Type: Oral
Session: 901. Health Services and Quality Improvement – Non-Malignant Conditions: Raising the bar in Anemia, Bleeding, and Thrombotic Disorders
Hematology Disease Topics & Pathways:
Research, Bleeding and Clotting, bleeding disorders, hemophilia, Clinical Research, Diseases, pregnant, registries, VWD, Study Population, Human, Maternal Health
Objective: The objective of this study was to test the diagnostic accuracy of an algorithm that utilized common data definitions and multiple data elements in EHR to identify pregnant women with IBDs.
Methods: We used data for pregnant women with IBDs who delivered at our institution from January 1, 2016 to December 31, 2020 to test the accuracy of the algorithm. Women with IBD included those with the following diagnoses: hemophilia and hemophilia carriers, von Willebrand disease and rarer bleeding disorders including factor II, V, VII, X, XI and XIII deficiencies. We did not include the following diagnoses: Platelet function disorder, fibrinogen disorder or hereditary hemorrhagic telangiectasia. We used EHR data elements from EPIC Clarity data model that conformed to those from the PCORnet Common Data Model (CDM). The PCORnet CDM can help ensure consistent data definitions and formats across multiple sites to facilitate large-scale patient–centered research.

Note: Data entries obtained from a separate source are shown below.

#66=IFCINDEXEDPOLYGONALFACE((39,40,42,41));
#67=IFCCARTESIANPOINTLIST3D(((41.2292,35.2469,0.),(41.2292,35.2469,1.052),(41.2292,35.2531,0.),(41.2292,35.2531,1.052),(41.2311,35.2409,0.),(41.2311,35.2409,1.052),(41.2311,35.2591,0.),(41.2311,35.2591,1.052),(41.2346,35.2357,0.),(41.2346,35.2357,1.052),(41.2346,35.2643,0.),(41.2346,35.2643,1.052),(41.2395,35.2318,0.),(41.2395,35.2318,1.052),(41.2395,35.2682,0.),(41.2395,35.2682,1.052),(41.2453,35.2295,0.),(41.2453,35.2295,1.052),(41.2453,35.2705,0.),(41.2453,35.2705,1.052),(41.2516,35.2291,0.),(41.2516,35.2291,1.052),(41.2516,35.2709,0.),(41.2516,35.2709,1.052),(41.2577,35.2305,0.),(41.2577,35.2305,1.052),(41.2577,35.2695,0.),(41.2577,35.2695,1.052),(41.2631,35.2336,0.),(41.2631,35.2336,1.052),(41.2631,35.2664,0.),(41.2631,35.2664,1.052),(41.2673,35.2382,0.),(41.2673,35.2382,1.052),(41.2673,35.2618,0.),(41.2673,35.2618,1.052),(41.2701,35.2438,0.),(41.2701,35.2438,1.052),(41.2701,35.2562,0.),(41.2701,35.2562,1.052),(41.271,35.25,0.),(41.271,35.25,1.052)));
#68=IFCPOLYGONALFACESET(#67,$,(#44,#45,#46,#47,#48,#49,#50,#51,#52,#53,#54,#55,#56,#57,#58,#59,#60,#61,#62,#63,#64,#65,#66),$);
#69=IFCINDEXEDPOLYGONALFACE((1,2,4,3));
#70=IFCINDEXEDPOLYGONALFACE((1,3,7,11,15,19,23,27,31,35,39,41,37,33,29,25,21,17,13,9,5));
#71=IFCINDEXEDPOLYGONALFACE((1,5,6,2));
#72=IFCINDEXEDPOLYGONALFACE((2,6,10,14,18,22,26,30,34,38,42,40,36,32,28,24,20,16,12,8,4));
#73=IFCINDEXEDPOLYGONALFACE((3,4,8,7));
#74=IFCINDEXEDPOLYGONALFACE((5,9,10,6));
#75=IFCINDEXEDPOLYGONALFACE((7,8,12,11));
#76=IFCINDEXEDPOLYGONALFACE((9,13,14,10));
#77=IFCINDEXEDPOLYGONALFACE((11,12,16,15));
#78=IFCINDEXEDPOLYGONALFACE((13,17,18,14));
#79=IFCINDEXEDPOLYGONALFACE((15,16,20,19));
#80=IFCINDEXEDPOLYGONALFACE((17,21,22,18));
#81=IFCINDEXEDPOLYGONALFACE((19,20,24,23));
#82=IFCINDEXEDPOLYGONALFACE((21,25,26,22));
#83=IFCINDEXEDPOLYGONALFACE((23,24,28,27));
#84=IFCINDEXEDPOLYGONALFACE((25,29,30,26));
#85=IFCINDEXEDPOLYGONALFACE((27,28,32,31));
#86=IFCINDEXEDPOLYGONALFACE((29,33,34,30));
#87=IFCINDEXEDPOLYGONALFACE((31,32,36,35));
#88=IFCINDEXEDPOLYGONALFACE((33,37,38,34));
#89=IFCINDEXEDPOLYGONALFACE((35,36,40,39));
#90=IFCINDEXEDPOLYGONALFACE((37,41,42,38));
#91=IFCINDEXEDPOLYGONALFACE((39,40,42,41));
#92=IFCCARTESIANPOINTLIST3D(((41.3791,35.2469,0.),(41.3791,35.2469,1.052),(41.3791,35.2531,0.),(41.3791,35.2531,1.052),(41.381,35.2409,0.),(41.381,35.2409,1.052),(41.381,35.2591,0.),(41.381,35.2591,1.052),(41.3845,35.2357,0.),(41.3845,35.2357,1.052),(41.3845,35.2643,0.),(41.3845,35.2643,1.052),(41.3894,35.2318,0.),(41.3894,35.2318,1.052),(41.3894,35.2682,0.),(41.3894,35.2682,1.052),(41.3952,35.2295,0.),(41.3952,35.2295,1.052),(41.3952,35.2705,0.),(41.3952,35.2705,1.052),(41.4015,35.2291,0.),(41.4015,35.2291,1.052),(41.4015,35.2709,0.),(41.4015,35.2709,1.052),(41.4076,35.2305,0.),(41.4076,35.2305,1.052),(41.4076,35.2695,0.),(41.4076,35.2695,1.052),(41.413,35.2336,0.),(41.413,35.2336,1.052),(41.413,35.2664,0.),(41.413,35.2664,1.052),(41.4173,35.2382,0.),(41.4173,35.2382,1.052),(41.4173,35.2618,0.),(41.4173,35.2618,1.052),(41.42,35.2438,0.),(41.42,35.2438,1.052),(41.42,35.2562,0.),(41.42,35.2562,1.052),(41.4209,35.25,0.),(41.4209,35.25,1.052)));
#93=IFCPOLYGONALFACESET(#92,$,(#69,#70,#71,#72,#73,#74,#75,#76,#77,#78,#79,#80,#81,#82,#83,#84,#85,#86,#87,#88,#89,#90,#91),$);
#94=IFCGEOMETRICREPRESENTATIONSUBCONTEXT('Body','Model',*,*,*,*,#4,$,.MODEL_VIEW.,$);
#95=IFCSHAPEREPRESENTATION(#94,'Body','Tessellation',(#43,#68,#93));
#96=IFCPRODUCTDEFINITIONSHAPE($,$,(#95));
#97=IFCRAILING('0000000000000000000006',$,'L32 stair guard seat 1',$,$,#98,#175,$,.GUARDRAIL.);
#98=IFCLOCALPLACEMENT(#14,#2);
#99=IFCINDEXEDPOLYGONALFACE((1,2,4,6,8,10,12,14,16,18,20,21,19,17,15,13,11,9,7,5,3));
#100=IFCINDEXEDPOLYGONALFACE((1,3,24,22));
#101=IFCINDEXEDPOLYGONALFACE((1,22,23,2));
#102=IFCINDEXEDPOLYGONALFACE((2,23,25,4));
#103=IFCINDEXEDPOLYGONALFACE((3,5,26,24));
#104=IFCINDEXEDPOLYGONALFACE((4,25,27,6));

The original version of our algorithm included the following: (i) ICD-9/10 codes for an inherited bleeding disorder (Table 1) based on discharge diagnosis of any patient encounter visit types including inpatient, outpatient and emergency visits (criterion 1); (ii) Medications used for management of IBD (criterion 2); and (iii) Coagulation factor test and results (criterion 3). A validated diagnosis of IBD required fulfilling either criteria (1) and (2) or criteria (1) and (3).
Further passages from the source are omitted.